No other thyroid evaluation until 8/2010. 
A little background, I am a veterinarian. I diagnose and treat thyroid problems myself. They're not the same in animals, but they're close. Dogs get Hashimoto's and cats get something like Graves, but not exactly. We don't measure the antibodies, but otherwise it seems similar. All that is to say I'm not clueless about the way the process works, but my Graves just has my brain SHUT OFF. It's maddening. I had to stop practicing and just manage the off instead. (My husband is the other vet there, so that worked out okay.) And even when I sit down to try to figure out what is going on in my own thyroid, I lose my train of thought and just can't figure it out.

My doctor just fired me for being so indecisive about surgery versus RIA and I know I was drivijng him crazy, but I feel like I can't decide until I really understand what's going on and I feel like I can't understand what's going on because I'm in this thyroid fog.

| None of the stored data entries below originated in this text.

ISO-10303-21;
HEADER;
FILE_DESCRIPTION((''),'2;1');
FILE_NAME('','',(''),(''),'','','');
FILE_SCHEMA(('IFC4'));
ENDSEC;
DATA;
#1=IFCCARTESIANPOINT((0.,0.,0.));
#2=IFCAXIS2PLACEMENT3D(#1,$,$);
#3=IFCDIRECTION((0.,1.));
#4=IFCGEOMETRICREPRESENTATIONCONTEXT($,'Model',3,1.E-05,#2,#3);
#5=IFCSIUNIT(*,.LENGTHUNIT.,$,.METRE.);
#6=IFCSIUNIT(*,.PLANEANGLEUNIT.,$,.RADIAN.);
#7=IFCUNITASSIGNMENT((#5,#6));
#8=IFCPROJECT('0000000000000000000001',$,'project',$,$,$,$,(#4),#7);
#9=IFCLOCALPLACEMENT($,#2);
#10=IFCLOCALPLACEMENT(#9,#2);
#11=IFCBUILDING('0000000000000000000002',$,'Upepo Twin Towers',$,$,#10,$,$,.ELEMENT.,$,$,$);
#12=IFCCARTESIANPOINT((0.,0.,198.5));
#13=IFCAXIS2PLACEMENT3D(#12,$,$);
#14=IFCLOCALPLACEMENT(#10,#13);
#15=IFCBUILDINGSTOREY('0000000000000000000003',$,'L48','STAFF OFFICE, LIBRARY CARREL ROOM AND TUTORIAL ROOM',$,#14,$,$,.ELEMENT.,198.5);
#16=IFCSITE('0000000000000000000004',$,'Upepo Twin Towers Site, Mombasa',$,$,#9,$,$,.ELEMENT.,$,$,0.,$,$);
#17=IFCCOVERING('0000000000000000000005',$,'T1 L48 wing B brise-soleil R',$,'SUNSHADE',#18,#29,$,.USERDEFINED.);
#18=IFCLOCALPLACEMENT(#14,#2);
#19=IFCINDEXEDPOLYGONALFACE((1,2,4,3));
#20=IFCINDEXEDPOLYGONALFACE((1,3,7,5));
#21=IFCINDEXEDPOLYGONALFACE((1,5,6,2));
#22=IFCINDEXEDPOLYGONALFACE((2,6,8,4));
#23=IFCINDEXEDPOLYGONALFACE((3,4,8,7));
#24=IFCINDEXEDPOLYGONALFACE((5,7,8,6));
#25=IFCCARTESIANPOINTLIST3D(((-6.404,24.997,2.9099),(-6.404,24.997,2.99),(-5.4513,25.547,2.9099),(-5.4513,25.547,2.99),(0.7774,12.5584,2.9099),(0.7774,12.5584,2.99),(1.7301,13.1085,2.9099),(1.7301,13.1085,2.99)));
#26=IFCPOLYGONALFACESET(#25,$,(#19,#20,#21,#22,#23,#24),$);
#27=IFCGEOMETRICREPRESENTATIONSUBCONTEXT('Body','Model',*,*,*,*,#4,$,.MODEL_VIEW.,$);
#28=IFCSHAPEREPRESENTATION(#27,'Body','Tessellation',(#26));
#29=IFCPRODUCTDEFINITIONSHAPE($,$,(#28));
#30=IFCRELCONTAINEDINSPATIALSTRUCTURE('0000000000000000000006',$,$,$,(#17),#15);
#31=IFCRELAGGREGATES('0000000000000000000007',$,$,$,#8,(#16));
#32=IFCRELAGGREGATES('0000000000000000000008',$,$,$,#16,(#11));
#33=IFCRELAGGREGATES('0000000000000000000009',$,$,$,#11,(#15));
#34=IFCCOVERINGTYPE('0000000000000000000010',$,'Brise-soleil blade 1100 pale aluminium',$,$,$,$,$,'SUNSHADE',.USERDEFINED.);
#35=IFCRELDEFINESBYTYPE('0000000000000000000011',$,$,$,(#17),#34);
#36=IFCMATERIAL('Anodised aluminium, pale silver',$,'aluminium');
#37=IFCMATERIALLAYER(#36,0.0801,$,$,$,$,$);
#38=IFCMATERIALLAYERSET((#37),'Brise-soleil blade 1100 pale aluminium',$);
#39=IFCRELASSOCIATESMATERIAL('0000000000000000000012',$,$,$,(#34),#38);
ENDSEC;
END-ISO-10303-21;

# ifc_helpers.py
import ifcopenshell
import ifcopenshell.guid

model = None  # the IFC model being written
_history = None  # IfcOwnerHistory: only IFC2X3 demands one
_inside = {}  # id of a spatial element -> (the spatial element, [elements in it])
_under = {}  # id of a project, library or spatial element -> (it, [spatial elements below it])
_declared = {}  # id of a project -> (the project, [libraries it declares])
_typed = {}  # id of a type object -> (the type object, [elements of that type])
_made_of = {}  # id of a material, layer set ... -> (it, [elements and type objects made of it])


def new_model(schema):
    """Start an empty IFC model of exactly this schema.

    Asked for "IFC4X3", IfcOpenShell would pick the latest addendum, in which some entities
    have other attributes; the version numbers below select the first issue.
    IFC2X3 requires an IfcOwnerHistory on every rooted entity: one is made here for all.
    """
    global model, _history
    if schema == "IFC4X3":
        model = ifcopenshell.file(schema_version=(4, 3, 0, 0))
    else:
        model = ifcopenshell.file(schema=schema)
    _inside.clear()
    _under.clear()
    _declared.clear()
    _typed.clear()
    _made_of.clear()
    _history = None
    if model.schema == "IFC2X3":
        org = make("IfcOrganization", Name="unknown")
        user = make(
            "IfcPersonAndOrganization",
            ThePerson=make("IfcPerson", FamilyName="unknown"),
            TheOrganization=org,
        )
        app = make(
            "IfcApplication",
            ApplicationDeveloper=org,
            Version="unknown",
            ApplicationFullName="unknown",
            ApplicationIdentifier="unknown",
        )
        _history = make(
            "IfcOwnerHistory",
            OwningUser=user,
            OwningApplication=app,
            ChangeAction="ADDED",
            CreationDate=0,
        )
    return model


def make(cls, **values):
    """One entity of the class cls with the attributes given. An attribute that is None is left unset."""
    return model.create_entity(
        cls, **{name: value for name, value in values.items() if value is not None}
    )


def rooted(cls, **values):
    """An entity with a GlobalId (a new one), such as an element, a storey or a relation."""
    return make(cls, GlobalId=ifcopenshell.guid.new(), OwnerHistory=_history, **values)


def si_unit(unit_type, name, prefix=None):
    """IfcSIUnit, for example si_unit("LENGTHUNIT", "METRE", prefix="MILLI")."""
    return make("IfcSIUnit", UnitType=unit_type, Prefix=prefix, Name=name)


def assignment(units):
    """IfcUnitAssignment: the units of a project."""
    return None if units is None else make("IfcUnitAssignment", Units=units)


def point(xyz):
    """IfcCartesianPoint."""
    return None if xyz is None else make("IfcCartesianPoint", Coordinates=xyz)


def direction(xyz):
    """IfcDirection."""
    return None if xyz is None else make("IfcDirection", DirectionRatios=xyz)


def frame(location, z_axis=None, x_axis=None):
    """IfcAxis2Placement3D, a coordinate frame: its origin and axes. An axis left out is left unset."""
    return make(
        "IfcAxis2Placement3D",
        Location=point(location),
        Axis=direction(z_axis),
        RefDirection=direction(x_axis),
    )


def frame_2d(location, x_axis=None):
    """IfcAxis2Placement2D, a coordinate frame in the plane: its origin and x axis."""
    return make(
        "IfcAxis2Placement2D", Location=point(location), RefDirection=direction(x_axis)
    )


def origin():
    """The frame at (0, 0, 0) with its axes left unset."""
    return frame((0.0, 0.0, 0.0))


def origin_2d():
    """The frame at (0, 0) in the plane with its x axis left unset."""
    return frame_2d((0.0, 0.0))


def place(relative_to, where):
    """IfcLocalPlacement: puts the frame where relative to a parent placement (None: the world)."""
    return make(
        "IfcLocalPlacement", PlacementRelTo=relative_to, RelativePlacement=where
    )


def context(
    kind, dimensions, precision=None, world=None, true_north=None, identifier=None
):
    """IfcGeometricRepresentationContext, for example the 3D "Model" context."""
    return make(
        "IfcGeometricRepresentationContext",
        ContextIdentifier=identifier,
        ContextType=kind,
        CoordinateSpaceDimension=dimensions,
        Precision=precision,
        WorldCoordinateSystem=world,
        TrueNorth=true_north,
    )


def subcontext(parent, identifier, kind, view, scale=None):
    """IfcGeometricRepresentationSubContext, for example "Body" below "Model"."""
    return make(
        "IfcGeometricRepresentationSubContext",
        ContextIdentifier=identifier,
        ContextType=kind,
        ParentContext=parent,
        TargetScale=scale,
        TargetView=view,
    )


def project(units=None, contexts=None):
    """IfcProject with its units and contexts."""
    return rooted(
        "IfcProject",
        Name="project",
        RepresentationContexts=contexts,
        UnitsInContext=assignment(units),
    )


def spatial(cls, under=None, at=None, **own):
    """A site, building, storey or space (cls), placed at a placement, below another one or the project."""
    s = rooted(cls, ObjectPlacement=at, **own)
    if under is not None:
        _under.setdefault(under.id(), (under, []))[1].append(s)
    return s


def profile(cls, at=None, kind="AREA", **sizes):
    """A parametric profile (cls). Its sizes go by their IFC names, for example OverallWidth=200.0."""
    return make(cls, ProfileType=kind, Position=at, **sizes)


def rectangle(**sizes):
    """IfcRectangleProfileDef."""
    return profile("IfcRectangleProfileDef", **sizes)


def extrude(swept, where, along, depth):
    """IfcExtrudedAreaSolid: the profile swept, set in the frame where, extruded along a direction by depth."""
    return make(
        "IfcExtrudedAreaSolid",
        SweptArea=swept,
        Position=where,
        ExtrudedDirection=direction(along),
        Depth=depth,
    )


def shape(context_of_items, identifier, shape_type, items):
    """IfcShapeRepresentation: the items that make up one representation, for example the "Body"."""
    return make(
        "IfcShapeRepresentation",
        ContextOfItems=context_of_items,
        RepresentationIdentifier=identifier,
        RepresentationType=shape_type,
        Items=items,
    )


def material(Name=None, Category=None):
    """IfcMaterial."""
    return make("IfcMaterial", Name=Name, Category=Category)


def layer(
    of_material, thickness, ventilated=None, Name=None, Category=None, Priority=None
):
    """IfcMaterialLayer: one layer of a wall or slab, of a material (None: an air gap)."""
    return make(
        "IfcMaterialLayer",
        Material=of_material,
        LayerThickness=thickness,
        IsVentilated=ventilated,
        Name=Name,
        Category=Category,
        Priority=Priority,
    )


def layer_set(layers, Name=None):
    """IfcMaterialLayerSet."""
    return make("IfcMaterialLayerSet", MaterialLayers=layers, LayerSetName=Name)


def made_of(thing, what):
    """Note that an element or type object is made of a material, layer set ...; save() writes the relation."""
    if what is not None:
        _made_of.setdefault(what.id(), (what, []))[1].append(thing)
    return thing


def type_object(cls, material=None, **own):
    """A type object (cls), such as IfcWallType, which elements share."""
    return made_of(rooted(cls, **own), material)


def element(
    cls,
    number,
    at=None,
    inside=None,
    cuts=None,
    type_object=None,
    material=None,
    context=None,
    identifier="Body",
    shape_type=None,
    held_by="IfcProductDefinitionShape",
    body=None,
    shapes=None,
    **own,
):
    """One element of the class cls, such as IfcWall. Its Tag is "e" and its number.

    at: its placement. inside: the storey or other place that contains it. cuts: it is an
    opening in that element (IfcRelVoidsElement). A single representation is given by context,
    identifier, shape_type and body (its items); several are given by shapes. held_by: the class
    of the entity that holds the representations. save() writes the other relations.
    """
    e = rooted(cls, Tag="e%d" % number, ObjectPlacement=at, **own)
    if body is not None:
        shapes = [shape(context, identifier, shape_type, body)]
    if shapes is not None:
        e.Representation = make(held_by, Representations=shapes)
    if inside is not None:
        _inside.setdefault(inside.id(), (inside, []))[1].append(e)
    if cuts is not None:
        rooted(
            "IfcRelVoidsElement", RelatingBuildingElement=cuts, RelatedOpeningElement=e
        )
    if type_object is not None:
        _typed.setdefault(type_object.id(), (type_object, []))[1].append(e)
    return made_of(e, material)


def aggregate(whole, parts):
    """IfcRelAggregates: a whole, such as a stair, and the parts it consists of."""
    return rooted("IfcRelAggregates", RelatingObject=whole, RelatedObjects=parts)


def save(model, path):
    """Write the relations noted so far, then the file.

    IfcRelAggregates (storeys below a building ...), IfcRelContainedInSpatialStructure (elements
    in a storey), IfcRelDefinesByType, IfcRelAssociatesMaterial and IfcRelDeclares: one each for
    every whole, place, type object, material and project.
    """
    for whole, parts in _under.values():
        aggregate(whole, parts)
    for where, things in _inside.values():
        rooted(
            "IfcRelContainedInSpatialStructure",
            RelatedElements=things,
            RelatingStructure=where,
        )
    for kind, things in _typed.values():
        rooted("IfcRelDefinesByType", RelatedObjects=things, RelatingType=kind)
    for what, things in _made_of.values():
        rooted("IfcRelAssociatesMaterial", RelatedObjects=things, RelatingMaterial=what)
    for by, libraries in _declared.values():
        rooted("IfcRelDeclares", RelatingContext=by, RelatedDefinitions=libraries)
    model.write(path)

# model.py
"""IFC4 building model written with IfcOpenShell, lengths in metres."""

from ifc_helpers import new_model, si_unit, direction, frame, origin, origin_2d, place, context, subcontext, project, spatial, rectangle, extrude, material, layer, layer_set, type_object, element, save


model = new_model("IFC4")

# Units and contexts
model_context = context("Model", 3, precision=1e-05, world=origin(), true_north=direction((0.0, 1.0)))
body_context = subcontext(model_context, "Body", "Model", "MODEL_VIEW")
ifc_project = project(units=[si_unit("LENGTHUNIT", "METRE"), si_unit("PLANEANGLEUNIT", "RADIAN")], contexts=[model_context])

# Site, building, storey
site_placement = place(None, origin())
site = spatial("IfcSite", under=ifc_project, at=site_placement, Name="Upepo Twin Towers Site, Mombasa", CompositionType="ELEMENT", RefElevation=0.0)
building_placement = place(site_placement, origin())
building = spatial("IfcBuilding", under=site, at=building_placement, Name="Upepo Twin Towers", CompositionType="ELEMENT")
storey_placement = place(building_placement, frame((0.0, 0.0, 198.5)))
storey = spatial("IfcBuildingStorey", under=building, at=storey_placement, Name="L48", Description="STAFF OFFICE, LIBRARY CARREL ROOM AND TUTORIAL ROOM", CompositionType="ELEMENT", Elevation=198.5)

# Covering
ifc_material_1 = material(Name="Anodised aluminium, pale silver", Category="aluminium")
ifc_layer_1 = layer(ifc_material_1, 0.0801)
ifc_layer_set_1 = layer_set([ifc_layer_1], Name="Brise-soleil blade 1100 pale aluminium")
covering_type = type_object("IfcCoveringType", Name="Brise-soleil blade 1100 pale aluminium", ElementType="SUNSHADE", PredefinedType="USERDEFINED", material=ifc_layer_set_1)
covering_placement = place(storey_placement, frame((-2.3369, 19.0527, 2.9099), z_axis=(0.0, 0.0, 1.0), x_axis=(-0.5, 0.866025, 0.0)))
element("IfcCovering", 1, at=covering_placement, inside=storey, type_object=covering_type, Name="T1 L48 wing B brise-soleil R", ObjectType="SUNSHADE", PredefinedType="USERDEFINED", context=body_context, shape_type="SweptSolid", body=[
    extrude(rectangle(XDim=14.3628, YDim=1.1001, at=origin_2d()), origin(), (0.0, 0.0, 1.0), 0.0801),
])

save(model, "model.ifc")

Also, I'm very overweight. As I said, I wonder if something was up with my thyroid years ago when I gained 100 pounds in about a year and am still carrying it, graves and all. I was just so terrified that after RIA or surgery I'll gain even MORE weight and just die of obesity. I am tired to exercise now, which I know isn't helping, but I really try to watch what I eat. I'm a vegetarian (was anyway), so no meat, no wheat or "wheat-free" stuff, so no bread, pasta, crackers, cakes, cookies, donuts, chocolate.. any of that. No processed food. No sugary drinks.

Anyway, because of the continued weight struggle I wanted to try a little bit longer than the average person for remission with Methimazole. This is the record of me trying. I wanted to see what you thought of it. It may not matter either way now as they say I need surgery or RIA, but I'm kind of stuck figuring it out myself as my doctor is done with my BS.  I have an appointment at Mayo in a couple of weeks but I want to be straight with my facts when I go. Thank you and here's the history:

08/17/2010 
I had been to my primary care doctor with fatigue and muscle pain. I don't have those lab results but my tsh was about zero (0.001, I believe.) Went to endo and 
FT4 3.72 (.9-1.8)
I thought he did antibodies at that time but he didn't. I asked for an ultrasound and had a quite enlarged thyroid, no nodules. 
Iodine Scan consistent with graves. 
Put on 60mg a day MMI (Six 10mg tabs once a day, or said I could divide to twice)

10/29/10
TSH <0.005 (0.4-6.0)
FT4 2.4 (0.9-1.8)

Still feel bad, continue 60mg a day methimazole

1/28/11

TSH < 0.01 (0.4-6)
FT4 1.5 (0.9-1.8) 
FT4 in normal range now, continue 60mg

4/25/11
I'm having fatigue and muscle cramps.
TSH 0.016 (0.4-6)
FT4 1.06 (0.9-1.8)
Decrease dose to 50mg

5/2/11
No bloodwork done, I said I still had fatigue and muscle cramps. 
Continue 50mg, recheck September.

Mysterious area here. I'm looking back over notes. Endo wanted me to stop meds in September (according to notes,but I either didn't understand that or forgot) and kept taking them through October. I felt terrible and called and they said to stop meds and check bloodwork in a month. So I stopped MMI (no taper, just stop.)

11/10/11

Felt better of MMI for a while.
TSH 0.012 (0.4-6.0)
FT4 1.5 (0.9-1.8)

Endo says based on this bloodwork, remission not going to work. 
Back on 30 mg MMI

1/18/12
TSH 0.053 (0.4-6.0)
T4 1.0 (0.9-1.8)
stay on 30

4/25/12
TSH 2.48
T4 0.82

Had my gallbladder out in the spring (after this appointment.)They used contrast, which I imagine was Iodine.
30mg 
I actually had been feeling ok during this time, on and off. I"d been hiking again.

9/26/12
TSH 2.41 (0.4-6.0)
FT4 1.1(0.9-1.8)

Reduce dose to 20 
He's thinking maybe remission at this point

1/3/13
I started feeling really bad, tired, would just fall asleep randomly. Not get sleepy, but actually fall asleep. Hair falling out. I started thinking my levels were getting low, so I tapered my mmi off (not in any logical way, just started forgetting it more often until I wasn't taking it at all for about 3 weeks before my appointment.) Stupid, I know. 
TSH: 0.581 (.4-6)
FT4: 1.0 (0.9-1.8)

Endo says got to do surg or RIA now, stayed off MMI to decide which one.

2/13/13

Feel bad on and off.
TSH 0.09
T4 1.2

Still can't decide surgery or RIA, started back MMI 10mg

3/19/13
TSH 0.246
T4 1.1

5/13/13
TSH 1.2
FT4 0.9

I got my medical records to see if I could see a pattern in my ab levels compared to how I feel, but found there weren't any ab levels done. Asked for antibodies to be done on this visit, they did TSI which came back 482%, which is "very high." but I don't have reference range.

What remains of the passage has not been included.